NEW DELHI: The government feels that the case of Radio City should have been taken into consideration earlier while giving the licence to Music Broadcast Pvt Ltd (MBPL). But it also knows that after allowing Radio City to function for over one year, any quick decision on the matter is unlikely.

Briefing some journalists today, a senior government functionary admitted, "If prima facie there are glaring instances (of non-compliance of regulations), a probe certainly would be in order."

Asked specifically about the action that the government can take in the case of Radio City, the government functionary said the information and broadcasting ministry cannot do things with retrospective effect as it has "inherited a lot of baggage" (from the previous regime when Sushma Swaraj was the I&B minister).

However, the government functionary avoided commenting directly on the future course of action on Radio City saying that after MBPL furnishes them with details, the opinion of the law ministry and the department of company affairs would be important.

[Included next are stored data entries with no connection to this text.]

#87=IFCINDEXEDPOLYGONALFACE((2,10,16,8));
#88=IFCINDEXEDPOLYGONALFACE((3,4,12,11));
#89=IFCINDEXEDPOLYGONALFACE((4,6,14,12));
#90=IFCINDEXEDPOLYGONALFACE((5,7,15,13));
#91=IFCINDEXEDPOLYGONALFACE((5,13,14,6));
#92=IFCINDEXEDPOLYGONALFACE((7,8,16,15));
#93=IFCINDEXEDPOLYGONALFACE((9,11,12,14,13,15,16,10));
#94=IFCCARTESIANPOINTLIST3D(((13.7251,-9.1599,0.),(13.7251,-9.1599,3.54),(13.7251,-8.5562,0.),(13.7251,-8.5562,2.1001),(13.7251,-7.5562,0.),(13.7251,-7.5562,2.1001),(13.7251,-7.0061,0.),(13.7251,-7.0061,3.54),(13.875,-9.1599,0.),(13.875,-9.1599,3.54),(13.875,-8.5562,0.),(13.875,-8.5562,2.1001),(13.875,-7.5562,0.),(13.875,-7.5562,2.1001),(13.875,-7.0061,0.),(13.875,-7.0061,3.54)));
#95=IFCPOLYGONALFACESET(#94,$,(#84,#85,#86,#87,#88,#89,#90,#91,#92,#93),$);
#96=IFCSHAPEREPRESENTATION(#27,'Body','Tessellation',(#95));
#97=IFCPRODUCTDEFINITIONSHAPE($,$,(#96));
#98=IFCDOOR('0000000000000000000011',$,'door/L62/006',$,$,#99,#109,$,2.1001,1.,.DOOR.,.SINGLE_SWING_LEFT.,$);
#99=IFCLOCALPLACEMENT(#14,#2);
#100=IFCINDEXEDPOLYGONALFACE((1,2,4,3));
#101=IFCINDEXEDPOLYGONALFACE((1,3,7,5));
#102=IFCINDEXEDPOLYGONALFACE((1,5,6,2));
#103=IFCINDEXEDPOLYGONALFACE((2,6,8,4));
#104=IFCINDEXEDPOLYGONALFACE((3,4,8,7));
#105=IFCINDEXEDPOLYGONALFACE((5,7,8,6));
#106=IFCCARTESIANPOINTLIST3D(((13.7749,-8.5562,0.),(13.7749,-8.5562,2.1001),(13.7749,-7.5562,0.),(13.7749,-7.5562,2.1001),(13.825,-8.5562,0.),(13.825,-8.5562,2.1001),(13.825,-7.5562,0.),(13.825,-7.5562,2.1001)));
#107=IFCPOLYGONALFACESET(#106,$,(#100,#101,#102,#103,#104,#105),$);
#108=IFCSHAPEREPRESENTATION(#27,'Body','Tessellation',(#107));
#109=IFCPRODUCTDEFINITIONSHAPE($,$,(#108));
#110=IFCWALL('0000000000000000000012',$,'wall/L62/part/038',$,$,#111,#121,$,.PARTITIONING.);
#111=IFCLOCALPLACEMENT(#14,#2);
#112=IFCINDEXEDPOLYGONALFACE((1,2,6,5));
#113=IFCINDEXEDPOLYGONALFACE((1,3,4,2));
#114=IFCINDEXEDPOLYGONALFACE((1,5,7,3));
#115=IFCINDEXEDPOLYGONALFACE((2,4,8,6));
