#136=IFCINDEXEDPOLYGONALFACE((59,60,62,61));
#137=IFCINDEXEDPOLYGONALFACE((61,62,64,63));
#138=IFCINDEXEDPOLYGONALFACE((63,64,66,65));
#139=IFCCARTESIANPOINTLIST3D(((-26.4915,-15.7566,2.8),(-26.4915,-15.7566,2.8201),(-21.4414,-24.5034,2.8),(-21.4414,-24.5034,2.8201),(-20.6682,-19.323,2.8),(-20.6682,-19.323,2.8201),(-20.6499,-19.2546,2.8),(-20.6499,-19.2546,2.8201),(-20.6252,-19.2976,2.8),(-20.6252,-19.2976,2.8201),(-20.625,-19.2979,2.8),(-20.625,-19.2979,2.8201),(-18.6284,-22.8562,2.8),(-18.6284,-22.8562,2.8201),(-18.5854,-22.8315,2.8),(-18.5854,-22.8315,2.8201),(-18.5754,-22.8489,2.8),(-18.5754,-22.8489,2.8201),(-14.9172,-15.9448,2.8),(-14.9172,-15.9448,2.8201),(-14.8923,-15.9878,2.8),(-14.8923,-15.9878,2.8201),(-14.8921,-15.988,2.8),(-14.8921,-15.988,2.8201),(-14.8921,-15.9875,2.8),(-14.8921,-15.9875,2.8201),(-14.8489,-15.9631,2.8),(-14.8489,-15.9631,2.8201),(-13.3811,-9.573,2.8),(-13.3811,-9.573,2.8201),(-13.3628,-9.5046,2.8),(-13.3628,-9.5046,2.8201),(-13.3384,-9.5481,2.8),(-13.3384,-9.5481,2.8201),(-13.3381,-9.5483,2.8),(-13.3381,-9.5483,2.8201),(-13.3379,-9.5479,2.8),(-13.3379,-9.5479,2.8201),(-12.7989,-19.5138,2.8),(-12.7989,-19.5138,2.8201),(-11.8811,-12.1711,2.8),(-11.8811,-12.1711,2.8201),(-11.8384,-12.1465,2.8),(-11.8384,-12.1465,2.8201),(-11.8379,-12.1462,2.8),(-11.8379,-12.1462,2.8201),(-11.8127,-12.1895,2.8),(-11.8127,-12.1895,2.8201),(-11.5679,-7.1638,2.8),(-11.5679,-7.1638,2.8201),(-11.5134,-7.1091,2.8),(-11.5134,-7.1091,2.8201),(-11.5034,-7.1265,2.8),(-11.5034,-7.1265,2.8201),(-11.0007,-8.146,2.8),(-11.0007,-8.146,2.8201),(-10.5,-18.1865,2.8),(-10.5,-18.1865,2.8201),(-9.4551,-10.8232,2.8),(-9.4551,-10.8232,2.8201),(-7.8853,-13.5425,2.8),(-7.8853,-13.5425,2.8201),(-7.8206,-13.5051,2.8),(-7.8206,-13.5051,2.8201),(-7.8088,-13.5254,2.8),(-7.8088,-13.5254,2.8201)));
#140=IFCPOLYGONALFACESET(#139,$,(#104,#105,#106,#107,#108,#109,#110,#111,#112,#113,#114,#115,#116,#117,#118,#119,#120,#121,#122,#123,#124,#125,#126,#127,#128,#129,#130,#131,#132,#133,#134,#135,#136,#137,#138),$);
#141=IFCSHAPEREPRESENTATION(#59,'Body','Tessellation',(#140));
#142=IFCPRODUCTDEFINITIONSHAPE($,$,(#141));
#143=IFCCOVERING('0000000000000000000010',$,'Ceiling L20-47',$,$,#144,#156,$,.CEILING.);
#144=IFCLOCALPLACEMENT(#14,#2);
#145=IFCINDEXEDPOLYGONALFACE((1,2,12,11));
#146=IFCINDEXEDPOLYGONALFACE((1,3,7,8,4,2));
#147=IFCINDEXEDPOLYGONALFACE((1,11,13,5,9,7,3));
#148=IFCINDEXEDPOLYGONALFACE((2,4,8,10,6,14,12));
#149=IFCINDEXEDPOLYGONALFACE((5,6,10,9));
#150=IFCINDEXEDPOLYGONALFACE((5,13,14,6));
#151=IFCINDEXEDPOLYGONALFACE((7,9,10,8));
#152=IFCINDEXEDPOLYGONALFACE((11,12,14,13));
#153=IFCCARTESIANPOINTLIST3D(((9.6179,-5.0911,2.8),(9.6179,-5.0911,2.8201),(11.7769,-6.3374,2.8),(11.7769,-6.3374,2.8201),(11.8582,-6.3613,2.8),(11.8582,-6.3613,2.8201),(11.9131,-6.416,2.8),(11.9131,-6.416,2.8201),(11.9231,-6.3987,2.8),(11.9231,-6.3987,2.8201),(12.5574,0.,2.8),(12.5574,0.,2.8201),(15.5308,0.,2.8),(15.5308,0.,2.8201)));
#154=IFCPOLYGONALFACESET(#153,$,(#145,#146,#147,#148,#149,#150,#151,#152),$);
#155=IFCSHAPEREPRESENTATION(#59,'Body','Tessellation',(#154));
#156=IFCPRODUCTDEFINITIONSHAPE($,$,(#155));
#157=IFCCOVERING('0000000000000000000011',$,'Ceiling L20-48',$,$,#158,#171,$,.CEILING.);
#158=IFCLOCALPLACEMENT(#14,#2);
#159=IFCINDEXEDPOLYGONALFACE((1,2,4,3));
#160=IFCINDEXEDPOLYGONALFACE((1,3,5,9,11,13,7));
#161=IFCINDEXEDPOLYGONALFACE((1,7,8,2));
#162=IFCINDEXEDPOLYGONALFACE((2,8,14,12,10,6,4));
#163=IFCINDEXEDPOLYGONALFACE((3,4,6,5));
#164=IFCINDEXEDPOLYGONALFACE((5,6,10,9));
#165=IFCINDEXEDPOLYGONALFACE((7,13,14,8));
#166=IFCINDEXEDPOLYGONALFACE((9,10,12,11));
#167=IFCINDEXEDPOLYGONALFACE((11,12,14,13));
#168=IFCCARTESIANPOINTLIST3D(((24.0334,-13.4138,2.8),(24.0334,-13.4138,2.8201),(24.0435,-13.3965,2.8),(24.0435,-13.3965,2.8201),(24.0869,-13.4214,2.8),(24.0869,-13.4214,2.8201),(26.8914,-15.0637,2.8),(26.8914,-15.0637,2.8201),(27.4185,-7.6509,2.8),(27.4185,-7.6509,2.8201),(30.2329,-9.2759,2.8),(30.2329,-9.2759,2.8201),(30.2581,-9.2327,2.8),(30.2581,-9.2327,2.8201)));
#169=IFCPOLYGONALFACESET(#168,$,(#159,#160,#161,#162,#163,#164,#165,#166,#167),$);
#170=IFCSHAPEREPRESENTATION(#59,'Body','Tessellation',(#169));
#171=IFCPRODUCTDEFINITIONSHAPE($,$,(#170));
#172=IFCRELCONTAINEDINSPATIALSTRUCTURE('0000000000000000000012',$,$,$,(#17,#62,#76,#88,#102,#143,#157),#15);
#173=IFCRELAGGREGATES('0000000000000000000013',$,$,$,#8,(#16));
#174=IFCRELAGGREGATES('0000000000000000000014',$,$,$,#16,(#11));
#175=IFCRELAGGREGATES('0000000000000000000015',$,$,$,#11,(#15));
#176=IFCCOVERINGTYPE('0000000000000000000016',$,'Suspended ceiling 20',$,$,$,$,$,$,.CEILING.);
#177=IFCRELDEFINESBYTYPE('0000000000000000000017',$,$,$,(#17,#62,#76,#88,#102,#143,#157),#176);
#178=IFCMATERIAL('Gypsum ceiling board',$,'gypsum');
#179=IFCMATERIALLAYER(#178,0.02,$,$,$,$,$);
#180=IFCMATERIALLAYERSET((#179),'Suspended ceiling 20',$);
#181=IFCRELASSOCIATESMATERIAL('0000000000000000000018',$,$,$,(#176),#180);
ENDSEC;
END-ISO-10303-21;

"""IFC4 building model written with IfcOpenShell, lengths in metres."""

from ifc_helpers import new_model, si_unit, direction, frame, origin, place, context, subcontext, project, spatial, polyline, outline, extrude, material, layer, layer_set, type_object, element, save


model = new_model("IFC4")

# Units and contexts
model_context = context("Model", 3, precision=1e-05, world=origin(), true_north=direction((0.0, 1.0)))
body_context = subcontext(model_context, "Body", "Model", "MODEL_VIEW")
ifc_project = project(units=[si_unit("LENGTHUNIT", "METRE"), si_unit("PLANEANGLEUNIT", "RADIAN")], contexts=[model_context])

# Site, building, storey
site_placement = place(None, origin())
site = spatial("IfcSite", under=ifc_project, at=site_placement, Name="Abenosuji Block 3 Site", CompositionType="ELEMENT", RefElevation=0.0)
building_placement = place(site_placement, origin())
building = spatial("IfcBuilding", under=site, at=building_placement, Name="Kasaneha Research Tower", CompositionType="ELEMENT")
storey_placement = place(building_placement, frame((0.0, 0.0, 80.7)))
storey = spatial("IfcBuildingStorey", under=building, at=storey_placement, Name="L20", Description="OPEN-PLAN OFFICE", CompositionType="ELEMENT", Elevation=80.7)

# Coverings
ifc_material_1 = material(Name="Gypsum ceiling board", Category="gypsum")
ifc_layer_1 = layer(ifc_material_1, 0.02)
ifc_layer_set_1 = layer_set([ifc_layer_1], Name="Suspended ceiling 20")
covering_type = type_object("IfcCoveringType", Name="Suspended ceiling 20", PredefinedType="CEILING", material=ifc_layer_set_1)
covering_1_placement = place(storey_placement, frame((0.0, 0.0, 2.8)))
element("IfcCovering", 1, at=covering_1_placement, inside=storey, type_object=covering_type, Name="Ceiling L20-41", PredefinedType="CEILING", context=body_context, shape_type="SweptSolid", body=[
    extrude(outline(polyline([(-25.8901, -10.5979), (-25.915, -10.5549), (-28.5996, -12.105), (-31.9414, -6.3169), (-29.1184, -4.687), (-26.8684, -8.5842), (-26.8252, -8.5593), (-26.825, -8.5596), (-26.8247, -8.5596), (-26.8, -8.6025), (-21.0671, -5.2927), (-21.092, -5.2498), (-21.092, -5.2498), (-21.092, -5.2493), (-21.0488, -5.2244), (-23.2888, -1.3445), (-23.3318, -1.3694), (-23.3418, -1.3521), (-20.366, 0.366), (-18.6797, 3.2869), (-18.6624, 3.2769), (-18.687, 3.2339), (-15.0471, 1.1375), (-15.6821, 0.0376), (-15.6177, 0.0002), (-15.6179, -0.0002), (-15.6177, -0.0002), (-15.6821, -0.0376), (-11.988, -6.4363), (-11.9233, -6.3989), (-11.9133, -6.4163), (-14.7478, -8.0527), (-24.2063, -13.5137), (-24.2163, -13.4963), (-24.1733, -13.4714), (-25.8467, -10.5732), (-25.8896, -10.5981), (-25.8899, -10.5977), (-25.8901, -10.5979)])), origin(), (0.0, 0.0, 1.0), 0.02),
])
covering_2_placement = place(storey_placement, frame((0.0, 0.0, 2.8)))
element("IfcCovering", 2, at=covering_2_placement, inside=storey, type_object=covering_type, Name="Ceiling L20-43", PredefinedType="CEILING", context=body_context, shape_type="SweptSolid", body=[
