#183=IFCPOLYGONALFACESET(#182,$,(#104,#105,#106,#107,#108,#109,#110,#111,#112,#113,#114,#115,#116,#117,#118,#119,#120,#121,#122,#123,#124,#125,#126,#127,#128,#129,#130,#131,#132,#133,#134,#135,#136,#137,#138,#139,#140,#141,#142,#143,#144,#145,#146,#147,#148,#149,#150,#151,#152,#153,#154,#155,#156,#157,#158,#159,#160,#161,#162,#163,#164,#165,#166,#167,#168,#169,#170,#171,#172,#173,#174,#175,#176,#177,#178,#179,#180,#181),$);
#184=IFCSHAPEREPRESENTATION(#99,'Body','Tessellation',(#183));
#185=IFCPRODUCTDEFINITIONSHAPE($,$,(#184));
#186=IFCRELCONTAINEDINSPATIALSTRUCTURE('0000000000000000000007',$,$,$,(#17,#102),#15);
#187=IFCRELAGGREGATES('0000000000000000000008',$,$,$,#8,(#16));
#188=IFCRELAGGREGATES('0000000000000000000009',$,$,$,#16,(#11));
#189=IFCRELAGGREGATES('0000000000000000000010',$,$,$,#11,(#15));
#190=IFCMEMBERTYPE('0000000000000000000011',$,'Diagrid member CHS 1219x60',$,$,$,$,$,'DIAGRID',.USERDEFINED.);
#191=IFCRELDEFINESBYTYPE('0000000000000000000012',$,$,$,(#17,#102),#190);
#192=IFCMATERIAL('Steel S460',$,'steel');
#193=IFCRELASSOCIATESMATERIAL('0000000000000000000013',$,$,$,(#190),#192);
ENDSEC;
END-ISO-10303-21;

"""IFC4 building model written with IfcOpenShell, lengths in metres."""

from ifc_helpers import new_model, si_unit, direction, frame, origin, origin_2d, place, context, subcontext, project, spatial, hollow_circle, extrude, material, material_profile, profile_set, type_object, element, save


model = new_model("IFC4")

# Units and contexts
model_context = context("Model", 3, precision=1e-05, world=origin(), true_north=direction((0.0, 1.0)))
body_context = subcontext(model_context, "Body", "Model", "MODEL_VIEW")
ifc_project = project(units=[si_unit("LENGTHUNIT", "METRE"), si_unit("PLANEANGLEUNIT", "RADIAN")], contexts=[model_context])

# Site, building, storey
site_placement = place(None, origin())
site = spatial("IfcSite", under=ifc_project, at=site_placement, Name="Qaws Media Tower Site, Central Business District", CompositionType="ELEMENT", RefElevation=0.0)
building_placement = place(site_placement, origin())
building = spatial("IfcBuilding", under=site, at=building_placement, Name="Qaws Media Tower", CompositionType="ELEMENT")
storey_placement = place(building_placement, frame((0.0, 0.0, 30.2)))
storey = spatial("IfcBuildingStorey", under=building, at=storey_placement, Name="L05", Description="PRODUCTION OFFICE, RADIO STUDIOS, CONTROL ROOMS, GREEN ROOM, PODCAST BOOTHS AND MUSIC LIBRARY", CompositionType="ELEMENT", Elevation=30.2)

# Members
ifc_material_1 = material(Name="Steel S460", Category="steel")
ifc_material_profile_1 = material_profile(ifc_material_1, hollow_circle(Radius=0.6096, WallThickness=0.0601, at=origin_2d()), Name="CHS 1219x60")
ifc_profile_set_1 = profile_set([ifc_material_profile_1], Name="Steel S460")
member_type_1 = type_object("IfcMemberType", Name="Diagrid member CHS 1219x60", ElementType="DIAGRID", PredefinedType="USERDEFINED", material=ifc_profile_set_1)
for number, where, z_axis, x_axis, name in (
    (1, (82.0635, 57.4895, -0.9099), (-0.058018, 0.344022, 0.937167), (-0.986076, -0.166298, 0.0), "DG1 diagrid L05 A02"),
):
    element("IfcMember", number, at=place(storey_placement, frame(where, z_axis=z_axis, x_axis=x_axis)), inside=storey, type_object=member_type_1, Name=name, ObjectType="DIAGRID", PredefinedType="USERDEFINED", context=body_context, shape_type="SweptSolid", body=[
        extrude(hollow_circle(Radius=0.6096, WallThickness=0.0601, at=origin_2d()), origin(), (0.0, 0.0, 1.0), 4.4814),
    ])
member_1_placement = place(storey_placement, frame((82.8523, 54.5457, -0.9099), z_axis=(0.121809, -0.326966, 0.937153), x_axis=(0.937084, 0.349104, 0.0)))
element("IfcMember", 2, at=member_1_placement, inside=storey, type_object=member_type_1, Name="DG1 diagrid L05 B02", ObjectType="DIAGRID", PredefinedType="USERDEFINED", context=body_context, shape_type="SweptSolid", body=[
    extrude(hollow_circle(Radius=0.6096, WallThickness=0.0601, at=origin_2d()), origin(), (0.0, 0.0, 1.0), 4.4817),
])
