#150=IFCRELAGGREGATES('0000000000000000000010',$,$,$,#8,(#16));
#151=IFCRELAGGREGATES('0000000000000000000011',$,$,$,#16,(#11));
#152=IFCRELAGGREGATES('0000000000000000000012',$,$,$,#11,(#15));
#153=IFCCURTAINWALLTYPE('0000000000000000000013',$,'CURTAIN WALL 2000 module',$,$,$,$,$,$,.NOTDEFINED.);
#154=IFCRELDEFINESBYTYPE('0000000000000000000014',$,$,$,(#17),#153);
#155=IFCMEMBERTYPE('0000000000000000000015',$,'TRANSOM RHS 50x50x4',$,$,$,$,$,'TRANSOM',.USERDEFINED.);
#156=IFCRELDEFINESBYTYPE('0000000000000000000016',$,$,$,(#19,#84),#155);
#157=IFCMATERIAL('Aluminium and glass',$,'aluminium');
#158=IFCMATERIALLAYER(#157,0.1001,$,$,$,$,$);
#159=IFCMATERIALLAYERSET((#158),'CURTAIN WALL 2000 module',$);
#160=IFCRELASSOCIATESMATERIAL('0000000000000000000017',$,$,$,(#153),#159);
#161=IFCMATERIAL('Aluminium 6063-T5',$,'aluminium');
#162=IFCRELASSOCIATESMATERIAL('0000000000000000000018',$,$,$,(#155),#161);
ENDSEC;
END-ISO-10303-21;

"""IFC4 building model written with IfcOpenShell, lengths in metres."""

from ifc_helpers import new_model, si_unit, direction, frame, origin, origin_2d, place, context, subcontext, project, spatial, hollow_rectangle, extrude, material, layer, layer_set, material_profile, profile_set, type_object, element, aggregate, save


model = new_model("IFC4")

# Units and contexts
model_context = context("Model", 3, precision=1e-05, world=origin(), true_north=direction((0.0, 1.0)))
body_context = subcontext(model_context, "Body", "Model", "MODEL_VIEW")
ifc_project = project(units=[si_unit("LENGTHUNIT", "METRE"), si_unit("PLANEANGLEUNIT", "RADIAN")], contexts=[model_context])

Still, the government today also sought to distance itself from the fact that it is waking up "too late" in the case of Radio City and that too only after the issue has been pitchforked into the limelight by the Indian Media Group (IMG). Several members of the IMG, consisting of some of the powerful media barons of the country, had linked the Radio City case with the Star News case where the allegation is that behind shell companies and frontpersons, the actual control of Star News lies with Star and not with the Indian shareholders.

Meanwhile, sources in the I&B ministry indicated that the inter-ministerial group, looking into the Star News case, is likely to submit its recommendations within a day or two. The I&B minister Ravi Shankar Prasad would then seek a meeting of a group of ministers (GoM) to look into the issue.

"If there’s a need to revisit (the existing guidelines), it would be done," an I&B ministry source said, when asked whether the Star News case would precipitate a policy change or remain restricted to the company concerned. If need be, TV-18 and CNBC’s joint venture CNBC India case too would be re-opened, he said.


Discussions notwithstanding, a regulator for the broadcasting sector doesn’t look like to be anywhere near at hand.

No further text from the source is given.